Merge three metadata files to create `../data/meta_merged.csv`:
1. `ImageID_PDMRID_CrossRef.csv` Meta that came with PDX images
2. `PDX_Meta_Information.csv` Meta from Yitan
3. `meta_from_wsi_images.csv` Meta that I (ap) extracted from WSI (SVS) images using histolab

Note! Before you run this, you need to generate `meta_from_wsi_images.csv` with `01-get-meta-from-images.ipynb`.

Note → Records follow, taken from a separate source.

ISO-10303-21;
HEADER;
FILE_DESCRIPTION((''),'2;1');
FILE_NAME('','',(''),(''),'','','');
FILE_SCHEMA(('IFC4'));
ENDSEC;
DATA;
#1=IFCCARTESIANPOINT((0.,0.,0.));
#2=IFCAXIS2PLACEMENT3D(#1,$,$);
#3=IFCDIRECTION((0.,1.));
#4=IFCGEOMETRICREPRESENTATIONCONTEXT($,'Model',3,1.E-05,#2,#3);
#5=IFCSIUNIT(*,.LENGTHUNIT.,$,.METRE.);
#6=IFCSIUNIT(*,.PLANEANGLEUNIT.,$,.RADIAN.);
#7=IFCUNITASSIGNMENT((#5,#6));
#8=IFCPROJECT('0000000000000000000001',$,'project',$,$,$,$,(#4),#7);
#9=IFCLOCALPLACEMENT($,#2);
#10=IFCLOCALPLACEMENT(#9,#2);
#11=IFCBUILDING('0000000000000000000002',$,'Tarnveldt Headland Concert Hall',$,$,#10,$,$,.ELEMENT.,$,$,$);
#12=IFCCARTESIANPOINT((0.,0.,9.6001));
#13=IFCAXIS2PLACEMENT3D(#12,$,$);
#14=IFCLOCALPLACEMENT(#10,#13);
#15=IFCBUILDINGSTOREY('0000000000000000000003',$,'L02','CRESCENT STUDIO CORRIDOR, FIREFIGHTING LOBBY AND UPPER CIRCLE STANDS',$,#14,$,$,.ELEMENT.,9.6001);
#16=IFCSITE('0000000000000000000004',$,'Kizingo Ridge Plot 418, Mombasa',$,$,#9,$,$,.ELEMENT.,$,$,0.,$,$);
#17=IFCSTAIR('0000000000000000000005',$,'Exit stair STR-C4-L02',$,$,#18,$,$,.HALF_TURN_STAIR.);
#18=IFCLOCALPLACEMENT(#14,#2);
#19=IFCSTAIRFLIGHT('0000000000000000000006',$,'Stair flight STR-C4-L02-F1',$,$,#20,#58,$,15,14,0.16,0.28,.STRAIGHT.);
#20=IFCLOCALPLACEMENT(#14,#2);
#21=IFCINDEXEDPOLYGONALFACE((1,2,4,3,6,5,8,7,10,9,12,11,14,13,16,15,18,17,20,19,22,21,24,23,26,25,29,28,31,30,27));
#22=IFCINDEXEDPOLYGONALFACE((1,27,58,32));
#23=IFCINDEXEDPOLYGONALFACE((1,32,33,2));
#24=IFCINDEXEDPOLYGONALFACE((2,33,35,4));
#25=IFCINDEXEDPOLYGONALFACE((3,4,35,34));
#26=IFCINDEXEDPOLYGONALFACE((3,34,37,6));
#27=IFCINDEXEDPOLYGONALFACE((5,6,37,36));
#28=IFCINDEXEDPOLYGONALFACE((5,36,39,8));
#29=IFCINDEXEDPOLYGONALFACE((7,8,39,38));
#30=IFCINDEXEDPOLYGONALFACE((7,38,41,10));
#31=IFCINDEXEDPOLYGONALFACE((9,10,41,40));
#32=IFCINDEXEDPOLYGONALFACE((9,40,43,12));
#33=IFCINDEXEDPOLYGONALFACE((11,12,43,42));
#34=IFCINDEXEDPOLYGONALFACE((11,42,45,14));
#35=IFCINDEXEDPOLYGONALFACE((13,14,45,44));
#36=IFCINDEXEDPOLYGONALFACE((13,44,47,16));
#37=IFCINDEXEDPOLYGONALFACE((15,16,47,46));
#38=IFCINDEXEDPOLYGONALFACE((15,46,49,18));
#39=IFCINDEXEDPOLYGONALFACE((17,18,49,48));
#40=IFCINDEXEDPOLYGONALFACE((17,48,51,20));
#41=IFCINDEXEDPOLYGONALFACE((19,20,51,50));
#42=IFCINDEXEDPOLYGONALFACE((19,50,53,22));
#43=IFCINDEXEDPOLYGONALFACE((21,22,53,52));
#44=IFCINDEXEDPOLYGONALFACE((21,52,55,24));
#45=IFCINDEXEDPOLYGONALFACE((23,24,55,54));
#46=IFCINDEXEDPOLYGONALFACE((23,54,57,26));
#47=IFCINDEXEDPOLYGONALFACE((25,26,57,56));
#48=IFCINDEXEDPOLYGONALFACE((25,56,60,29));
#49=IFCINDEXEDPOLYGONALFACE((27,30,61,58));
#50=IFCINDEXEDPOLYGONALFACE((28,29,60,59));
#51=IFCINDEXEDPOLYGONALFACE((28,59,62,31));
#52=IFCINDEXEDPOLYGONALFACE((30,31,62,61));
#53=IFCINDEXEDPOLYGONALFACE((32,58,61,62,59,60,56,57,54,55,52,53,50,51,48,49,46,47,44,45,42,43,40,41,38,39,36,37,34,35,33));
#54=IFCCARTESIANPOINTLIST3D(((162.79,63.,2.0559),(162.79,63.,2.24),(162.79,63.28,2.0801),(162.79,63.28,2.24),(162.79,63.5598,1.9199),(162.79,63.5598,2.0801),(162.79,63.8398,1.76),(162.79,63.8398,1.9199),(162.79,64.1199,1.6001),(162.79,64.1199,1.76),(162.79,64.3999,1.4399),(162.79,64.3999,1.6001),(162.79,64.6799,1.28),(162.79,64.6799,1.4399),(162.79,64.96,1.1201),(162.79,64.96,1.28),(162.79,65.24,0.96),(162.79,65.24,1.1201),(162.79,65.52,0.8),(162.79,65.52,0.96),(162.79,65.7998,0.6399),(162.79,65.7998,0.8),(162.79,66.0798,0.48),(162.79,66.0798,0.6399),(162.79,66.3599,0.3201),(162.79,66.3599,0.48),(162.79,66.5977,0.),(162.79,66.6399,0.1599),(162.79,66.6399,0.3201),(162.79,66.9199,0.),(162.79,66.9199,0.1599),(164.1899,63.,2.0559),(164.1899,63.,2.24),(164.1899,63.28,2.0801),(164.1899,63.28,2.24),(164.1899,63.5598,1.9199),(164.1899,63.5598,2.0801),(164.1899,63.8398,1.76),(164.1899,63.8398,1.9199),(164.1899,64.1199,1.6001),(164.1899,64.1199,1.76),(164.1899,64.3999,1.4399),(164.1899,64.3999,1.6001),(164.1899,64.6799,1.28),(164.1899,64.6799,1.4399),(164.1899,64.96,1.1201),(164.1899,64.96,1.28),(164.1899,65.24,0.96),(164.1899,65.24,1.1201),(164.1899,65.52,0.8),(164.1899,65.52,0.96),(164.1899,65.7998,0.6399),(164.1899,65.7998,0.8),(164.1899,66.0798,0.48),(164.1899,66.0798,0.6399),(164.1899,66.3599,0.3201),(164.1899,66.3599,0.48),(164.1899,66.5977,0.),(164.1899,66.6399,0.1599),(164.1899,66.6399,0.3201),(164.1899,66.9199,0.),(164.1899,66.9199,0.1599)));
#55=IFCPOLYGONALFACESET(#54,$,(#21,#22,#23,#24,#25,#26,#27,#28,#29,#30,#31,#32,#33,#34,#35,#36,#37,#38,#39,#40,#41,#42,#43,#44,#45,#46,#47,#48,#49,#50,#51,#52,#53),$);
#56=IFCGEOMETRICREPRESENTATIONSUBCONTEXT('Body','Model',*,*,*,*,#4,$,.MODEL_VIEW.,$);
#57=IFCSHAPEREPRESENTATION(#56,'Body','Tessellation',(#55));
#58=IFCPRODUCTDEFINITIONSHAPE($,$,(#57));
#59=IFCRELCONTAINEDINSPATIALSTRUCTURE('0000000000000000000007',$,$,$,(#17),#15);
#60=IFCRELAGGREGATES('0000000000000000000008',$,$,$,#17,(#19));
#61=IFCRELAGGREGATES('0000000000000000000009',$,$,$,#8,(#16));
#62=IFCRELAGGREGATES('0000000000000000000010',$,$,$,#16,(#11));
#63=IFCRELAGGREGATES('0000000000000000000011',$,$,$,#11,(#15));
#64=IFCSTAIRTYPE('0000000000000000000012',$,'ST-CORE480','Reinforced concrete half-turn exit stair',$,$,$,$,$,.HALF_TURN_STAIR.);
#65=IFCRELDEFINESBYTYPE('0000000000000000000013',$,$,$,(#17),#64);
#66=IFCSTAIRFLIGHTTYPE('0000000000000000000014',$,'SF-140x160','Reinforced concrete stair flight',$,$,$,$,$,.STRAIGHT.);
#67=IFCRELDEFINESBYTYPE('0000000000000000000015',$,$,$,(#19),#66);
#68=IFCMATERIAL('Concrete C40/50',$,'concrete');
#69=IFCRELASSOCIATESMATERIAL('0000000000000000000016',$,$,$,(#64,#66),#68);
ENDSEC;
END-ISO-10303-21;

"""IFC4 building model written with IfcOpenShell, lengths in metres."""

from ifc_helpers import new_model, si_unit, direction, frame, origin, place, context, subcontext, project, spatial, polyline, outline, extrude, material, type_object, element, aggregate, save


model = new_model("IFC4")

# Units and contexts
model_context = context("Model", 3, precision=1e-05, world=origin(), true_north=direction((0.0, 1.0)))
body_context = subcontext(model_context, "Body", "Model", "MODEL_VIEW")
ifc_project = project(units=[si_unit("LENGTHUNIT", "METRE"), si_unit("PLANEANGLEUNIT", "RADIAN")], contexts=[model_context])

# Site, building, storey
site_placement = place(None, origin())
site = spatial("IfcSite", under=ifc_project, at=site_placement, Name="Kizingo Ridge Plot 418, Mombasa", CompositionType="ELEMENT", RefElevation=0.0)
building_placement = place(site_placement, origin())
building = spatial("IfcBuilding", under=site, at=building_placement, Name="Tarnveldt Headland Concert Hall", CompositionType="ELEMENT")
storey_placement = place(building_placement, frame((0.0, 0.0, 9.6001)))
storey = spatial("IfcBuildingStorey", under=building, at=storey_placement, Name="L02", Description="CRESCENT STUDIO CORRIDOR, FIREFIGHTING LOBBY AND UPPER CIRCLE STANDS", CompositionType="ELEMENT", Elevation=9.6001)

# Shared definitions
ifc_material_1 = material(Name="Concrete C40/50", Category="concrete")

# Stair, stair flight
stair_type = type_object("IfcStairType", Name="ST-CORE480", Description="Reinforced concrete half-turn exit stair", PredefinedType="HALF_TURN_STAIR", material=ifc_material_1)
stair_placement = place(storey_placement, origin())
stair = element("IfcStair", 1, at=stair_placement, inside=storey, type_object=stair_type, Name="Exit stair STR-C4-L02", PredefinedType="HALF_TURN_STAIR")
stair_flight_type = type_object("IfcStairFlightType", Name="SF-140x160", Description="Reinforced concrete stair flight", PredefinedType="STRAIGHT", material=ifc_material_1)
stair_flight_placement = place(storey_placement, frame((163.49, 66.9199, 0.0), z_axis=(0.0, 0.0, 1.0), x_axis=(0.0, -1.0, 0.0)))
stair_flight = element("IfcStairFlight", 2, at=stair_flight_placement, type_object=stair_flight_type, Name="Stair flight STR-C4-L02-F1", NumberOfRisers=15, NumberOfTreads=14, PredefinedType="STRAIGHT", RiserHeight=0.16, TreadLength=0.28, context=body_context, shape_type="SweptSolid", body=[
    extrude(outline(polyline([(0.0, 0.0), (0.0, 0.1599), (0.28, 0.1599), (0.28, 0.3201), (0.5601, 0.3201), (0.5601, 0.48), (0.8401, 0.48), (0.8401, 0.6399), (1.1201, 0.6399), (1.1201, 0.8), (1.3999, 0.8), (1.3999, 0.96), (1.6799, 0.96), (1.6799, 1.1201), (1.96, 1.1201), (1.96, 1.28), (2.24, 1.28), (2.24, 1.4399), (2.52, 1.4399), (2.52, 1.6001), (2.8, 1.6001), (2.8, 1.76), (3.0801, 1.76), (3.0801, 1.9199), (3.3601, 1.9199), (3.3601, 2.0801), (3.6399, 2.0801), (3.6399, 2.24), (3.9199, 2.24), (3.9199, 2.3999), (3.9199, 2.0559), (0.3223, 0.0), (0.0, 0.0)])), frame((0.0, 0.7, 0.0), z_axis=(0.0, -1.0, 0.0), x_axis=(1.0, 0.0, 0.0)), (0.0, 0.0, 1.0), 1.3999),
])
aggregate(stair, [stair_flight])

save(model, "model.ifc")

Note! Yitan's file has some missing samples for which we have images.<br>
The missing samples either don't have response or expression data.

In [1]:
import os
from pathlib import Path
import pandas as pd
import numpy as np
from glob import glob

dirpath = Path.cwd()
print(dirpath)

/Users/apartin/work/jdacs/pdx-histo/nbs


# Part 1 - Merge meta files 1 and 2

## Load data
Loads two meta files.

In [2]:
# Data path
datapath = dirpath/'../data'

In [3]:
# PDX image meta (from NCI/Globus)
df_img = pd.read_csv(datapath/'ImageID_PDMRID_CrossRef.csv')
df_img = df_img.rename(columns={'Model': 'model'})
df_img.insert(loc=1, column='patient_id',  value=df_img['model'].map(lambda x: x.split('~')[0]), allow_duplicates=True)
df_img.insert(loc=2, column='specimen_id', value=df_img['model'].map(lambda x: x.split('~')[1]), allow_duplicates=True)

# PDX Meta (from Yitan)
# Yitan doesn't have sample_id (??)
df_typ = pd.read_csv(datapath/'PDX_Meta_Information.csv')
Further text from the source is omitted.